Another of Ari’s ancestors (his 4x great-grandfather) was Henry Penny, who lived all his life in Fonthill Bishop, Wiltshire. British History Online tells us this about the Manor of Fonthill:

“Athelwulf’s morning-gift to his wife Athelthryth was a 5-hide estate at Fonthill which in the late 9th century she sold to Oswulf. Helmstan later acquired it but, when accused of the theft of a belt, his right was disputed by Athelhelm. Helmstan proved his right but for help in doing so and for a life-lease granted the land to Ordlaf. In exchange for land elsewhere Ordlaf in 900 granted Fonthill, then said to be 10 hides, to Denewulf, bishop of Winchester.”*

Henry was born on 28 Sep 1826, christened at All Saints Church on 28 Dec, married there on 5 Nov 1853, and was buried there on 27 Jan 1909.

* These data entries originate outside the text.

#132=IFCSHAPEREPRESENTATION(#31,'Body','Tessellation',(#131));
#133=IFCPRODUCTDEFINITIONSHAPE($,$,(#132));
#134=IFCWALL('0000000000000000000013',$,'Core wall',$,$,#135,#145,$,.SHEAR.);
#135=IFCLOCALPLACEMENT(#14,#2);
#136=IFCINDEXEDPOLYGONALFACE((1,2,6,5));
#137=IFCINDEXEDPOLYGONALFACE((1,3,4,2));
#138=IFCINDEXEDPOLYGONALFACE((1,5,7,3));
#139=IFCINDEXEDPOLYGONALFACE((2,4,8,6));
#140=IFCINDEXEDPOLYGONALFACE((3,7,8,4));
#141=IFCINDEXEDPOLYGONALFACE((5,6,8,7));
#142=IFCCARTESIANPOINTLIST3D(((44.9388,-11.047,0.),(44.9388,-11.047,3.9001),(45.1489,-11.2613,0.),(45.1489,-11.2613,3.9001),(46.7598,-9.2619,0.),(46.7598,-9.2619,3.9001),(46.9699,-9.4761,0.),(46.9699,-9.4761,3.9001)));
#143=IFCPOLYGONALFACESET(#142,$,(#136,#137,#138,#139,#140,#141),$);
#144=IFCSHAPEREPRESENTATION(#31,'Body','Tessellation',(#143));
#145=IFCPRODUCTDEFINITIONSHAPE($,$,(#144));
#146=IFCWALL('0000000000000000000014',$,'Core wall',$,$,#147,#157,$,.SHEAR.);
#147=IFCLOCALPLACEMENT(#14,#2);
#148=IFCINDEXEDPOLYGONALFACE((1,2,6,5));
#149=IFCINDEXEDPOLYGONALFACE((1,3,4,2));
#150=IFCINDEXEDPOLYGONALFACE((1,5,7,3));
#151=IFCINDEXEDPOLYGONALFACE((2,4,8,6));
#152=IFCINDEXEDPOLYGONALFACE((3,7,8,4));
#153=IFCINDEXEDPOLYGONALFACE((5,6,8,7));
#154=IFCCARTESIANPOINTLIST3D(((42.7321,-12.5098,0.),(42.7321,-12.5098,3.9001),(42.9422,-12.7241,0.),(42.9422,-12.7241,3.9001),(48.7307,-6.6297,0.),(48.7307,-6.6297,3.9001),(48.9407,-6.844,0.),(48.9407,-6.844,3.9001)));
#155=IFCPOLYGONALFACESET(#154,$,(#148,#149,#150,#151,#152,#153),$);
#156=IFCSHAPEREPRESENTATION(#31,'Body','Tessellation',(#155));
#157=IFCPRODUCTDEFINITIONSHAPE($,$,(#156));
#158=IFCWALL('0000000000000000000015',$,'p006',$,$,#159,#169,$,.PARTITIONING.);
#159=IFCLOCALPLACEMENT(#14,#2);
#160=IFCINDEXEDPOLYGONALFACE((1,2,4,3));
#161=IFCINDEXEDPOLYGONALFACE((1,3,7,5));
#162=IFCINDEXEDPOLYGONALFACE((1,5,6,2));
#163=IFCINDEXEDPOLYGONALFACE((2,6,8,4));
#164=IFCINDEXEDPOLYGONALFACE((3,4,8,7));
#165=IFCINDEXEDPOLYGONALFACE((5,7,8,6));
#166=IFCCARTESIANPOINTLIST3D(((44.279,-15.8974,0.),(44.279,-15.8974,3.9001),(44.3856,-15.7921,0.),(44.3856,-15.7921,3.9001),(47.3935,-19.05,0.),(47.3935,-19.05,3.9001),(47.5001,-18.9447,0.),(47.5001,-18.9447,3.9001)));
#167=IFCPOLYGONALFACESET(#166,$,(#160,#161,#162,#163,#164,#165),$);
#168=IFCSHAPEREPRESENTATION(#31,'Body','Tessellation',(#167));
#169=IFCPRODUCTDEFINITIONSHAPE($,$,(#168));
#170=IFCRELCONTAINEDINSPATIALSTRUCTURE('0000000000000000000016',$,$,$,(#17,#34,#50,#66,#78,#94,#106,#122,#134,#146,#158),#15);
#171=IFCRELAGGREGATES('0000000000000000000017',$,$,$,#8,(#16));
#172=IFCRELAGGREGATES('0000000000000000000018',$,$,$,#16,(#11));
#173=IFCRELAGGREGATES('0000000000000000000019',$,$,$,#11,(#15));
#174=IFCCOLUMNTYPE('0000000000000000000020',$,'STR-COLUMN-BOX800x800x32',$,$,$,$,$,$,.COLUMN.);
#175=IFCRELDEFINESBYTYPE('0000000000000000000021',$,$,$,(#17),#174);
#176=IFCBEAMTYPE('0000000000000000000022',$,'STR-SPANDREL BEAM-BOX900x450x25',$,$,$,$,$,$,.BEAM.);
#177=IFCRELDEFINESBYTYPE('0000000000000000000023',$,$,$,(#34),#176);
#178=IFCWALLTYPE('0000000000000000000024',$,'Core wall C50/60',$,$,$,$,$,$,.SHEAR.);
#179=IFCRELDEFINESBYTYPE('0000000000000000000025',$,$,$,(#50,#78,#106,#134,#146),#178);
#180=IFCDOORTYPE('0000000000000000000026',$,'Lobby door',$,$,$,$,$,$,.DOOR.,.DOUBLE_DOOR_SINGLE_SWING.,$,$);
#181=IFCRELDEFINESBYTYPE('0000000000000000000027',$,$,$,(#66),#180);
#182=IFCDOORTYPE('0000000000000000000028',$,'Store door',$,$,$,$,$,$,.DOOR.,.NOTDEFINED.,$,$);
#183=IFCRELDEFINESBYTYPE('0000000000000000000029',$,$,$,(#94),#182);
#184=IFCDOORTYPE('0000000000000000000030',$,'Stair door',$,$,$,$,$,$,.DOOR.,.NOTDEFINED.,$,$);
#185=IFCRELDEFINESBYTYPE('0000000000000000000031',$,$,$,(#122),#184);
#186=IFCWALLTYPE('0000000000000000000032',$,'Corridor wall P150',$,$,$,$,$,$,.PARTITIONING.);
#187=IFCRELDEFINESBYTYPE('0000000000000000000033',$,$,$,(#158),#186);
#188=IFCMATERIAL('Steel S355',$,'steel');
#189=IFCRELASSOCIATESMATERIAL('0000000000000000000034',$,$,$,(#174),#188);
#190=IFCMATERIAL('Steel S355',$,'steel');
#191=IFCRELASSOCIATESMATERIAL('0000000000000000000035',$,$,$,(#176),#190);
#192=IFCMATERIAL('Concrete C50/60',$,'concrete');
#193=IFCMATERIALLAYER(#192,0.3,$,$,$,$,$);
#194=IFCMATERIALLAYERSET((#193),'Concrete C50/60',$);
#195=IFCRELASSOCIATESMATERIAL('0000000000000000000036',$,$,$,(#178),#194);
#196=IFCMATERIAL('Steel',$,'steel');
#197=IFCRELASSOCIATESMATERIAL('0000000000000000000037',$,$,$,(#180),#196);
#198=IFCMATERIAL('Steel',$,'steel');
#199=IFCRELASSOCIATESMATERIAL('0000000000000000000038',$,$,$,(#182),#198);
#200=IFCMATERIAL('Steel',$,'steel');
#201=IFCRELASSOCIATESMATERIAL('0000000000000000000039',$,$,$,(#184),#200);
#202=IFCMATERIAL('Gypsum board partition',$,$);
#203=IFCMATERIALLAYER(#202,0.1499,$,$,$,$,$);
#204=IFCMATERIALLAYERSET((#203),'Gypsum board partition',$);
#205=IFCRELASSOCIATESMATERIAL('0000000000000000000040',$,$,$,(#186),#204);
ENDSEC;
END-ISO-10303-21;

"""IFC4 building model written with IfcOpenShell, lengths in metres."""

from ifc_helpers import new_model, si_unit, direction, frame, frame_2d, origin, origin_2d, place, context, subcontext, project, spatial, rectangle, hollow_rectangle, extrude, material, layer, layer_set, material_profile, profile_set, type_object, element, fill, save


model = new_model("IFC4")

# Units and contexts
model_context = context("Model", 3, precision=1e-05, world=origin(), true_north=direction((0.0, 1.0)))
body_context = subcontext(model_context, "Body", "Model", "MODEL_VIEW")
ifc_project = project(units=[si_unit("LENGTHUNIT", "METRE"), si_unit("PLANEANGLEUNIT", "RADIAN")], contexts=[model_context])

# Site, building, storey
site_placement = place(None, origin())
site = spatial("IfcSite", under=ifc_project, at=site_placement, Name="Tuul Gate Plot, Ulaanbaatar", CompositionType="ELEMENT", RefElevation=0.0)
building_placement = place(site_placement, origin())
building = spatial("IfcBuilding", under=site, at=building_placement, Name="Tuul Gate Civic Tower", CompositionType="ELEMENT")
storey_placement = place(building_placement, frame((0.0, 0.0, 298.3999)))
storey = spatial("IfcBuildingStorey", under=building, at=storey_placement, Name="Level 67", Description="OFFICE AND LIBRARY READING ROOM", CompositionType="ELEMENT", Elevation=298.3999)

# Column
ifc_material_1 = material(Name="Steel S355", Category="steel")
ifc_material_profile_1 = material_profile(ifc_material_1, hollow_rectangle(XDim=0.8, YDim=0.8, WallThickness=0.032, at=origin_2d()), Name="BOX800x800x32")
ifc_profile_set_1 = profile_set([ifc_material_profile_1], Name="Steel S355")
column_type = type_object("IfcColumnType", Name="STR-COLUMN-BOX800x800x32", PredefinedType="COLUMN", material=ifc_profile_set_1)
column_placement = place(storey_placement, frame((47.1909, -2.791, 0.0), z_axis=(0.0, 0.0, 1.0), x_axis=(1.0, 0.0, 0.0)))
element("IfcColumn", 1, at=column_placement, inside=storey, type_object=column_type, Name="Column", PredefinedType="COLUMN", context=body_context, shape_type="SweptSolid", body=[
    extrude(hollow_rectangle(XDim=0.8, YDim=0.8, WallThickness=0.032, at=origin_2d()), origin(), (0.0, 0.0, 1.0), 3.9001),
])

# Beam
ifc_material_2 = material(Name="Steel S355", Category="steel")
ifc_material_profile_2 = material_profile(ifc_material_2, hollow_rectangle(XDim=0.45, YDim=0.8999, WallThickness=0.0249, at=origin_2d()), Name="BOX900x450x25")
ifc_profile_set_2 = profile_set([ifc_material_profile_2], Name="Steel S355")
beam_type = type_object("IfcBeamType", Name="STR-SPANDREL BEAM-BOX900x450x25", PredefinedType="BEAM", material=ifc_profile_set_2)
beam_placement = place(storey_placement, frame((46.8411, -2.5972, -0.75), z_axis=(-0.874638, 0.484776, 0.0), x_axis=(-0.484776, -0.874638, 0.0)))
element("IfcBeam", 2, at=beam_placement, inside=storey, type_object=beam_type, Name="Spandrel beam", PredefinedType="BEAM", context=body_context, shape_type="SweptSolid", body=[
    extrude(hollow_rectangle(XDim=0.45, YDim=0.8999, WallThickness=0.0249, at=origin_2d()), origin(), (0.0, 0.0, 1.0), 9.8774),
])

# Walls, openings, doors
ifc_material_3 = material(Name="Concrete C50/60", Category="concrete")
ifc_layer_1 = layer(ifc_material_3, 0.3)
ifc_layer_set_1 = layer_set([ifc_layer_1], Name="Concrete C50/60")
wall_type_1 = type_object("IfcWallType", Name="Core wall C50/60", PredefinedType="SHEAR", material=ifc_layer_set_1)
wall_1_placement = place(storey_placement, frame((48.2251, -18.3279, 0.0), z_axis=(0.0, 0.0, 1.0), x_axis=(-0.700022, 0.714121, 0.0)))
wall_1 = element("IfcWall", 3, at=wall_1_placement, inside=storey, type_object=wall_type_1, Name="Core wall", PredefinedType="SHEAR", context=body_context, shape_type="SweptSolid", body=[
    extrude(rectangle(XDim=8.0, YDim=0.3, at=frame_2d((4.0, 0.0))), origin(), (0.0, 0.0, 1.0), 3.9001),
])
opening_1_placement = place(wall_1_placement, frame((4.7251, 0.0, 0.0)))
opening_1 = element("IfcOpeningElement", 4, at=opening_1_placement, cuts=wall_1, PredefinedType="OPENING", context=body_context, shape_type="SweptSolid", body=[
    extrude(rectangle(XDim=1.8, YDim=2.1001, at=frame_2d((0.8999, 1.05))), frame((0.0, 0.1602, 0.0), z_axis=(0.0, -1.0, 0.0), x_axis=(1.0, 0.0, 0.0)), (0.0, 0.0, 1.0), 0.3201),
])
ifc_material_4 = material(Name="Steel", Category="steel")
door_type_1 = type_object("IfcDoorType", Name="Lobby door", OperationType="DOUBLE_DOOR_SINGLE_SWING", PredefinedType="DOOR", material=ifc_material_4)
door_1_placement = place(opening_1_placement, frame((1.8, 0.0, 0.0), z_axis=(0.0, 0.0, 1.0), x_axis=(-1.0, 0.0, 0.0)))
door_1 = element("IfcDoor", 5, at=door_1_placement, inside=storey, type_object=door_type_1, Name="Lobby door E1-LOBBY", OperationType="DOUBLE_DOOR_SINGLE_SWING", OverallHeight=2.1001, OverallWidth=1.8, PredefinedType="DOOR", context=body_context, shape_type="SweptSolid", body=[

At the age of 14, he was an agricultural labourer. We can get a flavour of his life from this report in the Salisbury and Winchester Journal of 5 Feb 1853 (from Findmypast):

henry penny salisb and winch jnl 5 feb 1853

He is mentioned in another account from the same newspaper on 15 Oct 1870:

henry penny salisb and winch jnl 15 oct 1870

By April 1871 was living with his wife Mary Ann and four of his six children at Woodbine Cottage, working as a farm labourer. In 1891, his son Walter is living next door with his own family.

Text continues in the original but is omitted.